In some cases, CT scan may be requested to show the bone structures. CT can demonstrates bone anomalies much better than the MRI. Therefore, the treating physician may request CT scan if cranio-cervical junction anomaly is suspected.
If Chiari malformation is asymptomatic i.e. causes no symptoms and doesn’t interfere with daily activities no treatment is necessary. In mild cases, medications can be used to manage symptoms like pain.
Prior to surgical treatment it is very important to diagnose the cause of Chiari malformation i.e. whether it is congenital or secondary. Eliminating the cause of disease in secondary Chiari will effectively cure the disease. However, in the vast majority of cases the Chiari malformation is congenital and treated with surgery. Foramen Magnum Decompression (FMD) is the only treatment that can correct functional defects and stop the progression of the central nervous system damage. The goals of the surgery are:
Reduce pressure on the cerebellum, brainstem and spinal cord.
Re-establish normal fluid circulation through and around the compressed area.

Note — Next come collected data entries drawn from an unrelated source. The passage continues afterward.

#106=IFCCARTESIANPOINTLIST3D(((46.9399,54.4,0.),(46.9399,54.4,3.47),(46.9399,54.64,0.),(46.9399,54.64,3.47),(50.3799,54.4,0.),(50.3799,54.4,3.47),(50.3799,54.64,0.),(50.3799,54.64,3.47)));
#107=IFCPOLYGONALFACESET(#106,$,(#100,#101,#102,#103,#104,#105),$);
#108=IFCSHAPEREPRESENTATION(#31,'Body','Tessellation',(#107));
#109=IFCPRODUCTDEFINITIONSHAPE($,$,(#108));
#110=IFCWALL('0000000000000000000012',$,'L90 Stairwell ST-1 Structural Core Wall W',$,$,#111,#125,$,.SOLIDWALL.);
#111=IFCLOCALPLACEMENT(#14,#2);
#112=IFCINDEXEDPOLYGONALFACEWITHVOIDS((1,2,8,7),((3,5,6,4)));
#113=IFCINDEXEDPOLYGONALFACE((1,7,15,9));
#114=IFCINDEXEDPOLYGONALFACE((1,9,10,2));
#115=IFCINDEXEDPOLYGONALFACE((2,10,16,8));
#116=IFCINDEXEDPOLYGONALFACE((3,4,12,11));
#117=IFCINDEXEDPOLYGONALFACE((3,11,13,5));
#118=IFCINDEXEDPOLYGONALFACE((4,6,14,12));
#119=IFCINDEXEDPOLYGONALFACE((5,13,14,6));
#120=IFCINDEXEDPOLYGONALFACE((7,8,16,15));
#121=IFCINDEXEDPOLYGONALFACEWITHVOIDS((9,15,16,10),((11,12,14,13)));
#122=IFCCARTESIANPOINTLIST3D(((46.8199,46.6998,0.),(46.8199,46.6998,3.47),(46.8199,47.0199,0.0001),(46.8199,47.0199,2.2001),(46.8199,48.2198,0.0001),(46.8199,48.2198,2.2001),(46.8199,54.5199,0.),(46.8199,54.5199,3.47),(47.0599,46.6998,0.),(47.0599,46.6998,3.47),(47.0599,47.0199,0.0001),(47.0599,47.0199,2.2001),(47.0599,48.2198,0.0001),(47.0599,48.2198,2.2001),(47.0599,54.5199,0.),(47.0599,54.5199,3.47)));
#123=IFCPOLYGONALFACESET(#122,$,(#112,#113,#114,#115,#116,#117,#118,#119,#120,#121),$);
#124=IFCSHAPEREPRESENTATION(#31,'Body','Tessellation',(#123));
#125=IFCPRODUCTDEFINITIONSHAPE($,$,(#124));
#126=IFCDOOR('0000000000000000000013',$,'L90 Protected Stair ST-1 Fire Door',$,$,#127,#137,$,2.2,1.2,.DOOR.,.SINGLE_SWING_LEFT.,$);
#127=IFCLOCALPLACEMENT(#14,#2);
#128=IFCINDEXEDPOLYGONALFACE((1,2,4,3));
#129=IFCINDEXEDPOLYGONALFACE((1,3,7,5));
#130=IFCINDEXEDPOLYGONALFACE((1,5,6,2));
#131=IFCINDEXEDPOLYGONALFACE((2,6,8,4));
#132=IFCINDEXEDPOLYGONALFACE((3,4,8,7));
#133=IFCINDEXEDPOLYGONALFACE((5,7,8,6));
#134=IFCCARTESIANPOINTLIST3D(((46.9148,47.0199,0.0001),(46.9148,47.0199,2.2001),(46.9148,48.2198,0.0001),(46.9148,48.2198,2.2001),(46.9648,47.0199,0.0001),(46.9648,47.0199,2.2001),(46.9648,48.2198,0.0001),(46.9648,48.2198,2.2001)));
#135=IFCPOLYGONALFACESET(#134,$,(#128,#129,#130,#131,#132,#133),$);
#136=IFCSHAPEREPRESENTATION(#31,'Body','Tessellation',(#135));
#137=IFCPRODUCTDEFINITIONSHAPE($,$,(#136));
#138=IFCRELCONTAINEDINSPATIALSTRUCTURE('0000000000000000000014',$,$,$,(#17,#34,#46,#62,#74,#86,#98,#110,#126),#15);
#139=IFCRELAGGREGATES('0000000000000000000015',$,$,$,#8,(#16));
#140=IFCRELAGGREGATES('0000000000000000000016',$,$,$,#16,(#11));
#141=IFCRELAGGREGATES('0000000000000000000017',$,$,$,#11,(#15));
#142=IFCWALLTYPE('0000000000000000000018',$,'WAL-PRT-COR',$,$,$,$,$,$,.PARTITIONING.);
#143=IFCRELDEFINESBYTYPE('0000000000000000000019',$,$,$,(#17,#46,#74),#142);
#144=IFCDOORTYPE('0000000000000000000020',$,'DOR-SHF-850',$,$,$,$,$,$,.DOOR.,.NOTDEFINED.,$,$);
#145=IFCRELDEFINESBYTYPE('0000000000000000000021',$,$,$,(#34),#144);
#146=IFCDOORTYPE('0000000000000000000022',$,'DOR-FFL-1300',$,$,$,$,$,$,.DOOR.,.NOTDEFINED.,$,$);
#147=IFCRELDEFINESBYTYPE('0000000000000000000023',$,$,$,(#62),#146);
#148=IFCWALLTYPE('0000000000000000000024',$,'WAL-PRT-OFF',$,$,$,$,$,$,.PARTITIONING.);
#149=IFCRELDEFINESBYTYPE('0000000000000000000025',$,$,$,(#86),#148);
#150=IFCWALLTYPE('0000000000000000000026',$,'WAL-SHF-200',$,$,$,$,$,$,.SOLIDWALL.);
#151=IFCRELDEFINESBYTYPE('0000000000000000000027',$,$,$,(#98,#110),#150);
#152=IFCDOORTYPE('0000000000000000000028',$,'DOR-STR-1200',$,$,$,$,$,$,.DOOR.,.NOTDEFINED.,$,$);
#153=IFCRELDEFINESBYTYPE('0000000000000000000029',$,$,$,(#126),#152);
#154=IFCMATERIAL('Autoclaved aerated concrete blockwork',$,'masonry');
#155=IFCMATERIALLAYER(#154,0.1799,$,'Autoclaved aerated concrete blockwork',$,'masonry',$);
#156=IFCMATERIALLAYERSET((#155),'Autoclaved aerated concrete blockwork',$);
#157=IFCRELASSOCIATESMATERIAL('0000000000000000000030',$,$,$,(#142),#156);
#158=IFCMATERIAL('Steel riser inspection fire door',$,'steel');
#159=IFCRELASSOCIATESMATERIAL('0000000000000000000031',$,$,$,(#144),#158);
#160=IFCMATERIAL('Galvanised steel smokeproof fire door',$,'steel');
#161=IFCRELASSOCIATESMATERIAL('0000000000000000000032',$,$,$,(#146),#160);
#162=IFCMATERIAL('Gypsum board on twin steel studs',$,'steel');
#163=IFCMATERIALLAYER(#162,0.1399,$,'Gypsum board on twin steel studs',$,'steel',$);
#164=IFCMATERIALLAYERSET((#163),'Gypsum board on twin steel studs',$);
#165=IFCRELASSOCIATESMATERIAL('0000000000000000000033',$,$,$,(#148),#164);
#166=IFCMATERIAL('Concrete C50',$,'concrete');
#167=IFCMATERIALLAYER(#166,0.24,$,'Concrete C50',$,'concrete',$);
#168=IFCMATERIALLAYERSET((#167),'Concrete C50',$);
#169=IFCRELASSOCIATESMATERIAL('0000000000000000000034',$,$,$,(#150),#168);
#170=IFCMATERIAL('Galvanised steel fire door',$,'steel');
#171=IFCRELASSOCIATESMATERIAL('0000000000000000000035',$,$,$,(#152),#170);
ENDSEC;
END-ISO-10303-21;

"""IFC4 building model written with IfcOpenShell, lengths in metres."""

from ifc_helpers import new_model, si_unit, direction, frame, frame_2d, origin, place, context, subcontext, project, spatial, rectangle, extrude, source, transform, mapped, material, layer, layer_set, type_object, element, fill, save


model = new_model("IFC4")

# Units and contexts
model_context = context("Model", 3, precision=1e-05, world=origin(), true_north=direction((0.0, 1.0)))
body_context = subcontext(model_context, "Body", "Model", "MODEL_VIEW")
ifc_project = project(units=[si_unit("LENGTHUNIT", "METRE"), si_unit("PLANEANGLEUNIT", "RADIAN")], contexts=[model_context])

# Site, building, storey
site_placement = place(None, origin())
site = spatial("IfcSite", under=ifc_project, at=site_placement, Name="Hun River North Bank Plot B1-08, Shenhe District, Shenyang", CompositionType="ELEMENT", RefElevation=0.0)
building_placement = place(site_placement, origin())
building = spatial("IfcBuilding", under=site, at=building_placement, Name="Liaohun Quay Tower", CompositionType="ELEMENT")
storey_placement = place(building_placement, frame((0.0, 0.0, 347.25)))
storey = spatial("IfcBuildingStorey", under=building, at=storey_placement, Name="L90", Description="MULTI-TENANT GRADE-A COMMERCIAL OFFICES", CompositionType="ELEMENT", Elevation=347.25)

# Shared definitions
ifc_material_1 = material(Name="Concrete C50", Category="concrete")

During the surgery which is performed by a neurosurgeon a portion of the occipital bone is removed and the outer brain covering (dura) is enlarged by placing a soft tissue patch. The purpose is to enlarge the foramen Magnum, to eliminate the pressure from the cerebellum and brainstem and allow them to freely reside in the posterior fossa with no compression. In some cases the surgeon may coagulate and shrink the dysfunctional cerebellar tonsils to lift the pressure form the brainstem. This procedure effectively eliminates cerebrospinal fluid block which is the main pathophysiological component. The effective treatment requires adequate surgical decompression.
In some cases the amount of removed bone is not sufficient and/or the patch is not used. In these cases, the symptoms may persist following the surgery and additional operation may be required. In other cases, the decompression may be too extensive resulting in loss of support for cerebellar tissue and further downward displacement. These cases may need reconstruction of the defect with bone or artificial materials.
Chiari malformation associated with hydrocephalus requires specific treatment. Since hydrocephalus may aggravate the malformation it should be treated prior to foramen magnum decompression. In some cases, treating hydrocephalus will eliminate cerebellar herniation and no further treatment will be required.
Syringomyelia associated with Chiari malformation is initially managed with FMD. Effective surgical decompression re-establishes normal CSF circulation and the syringomyelia subsides on its own. However, in rare cases syringomyelia may persist even after adequate FMD, requiring additional shunt procedure.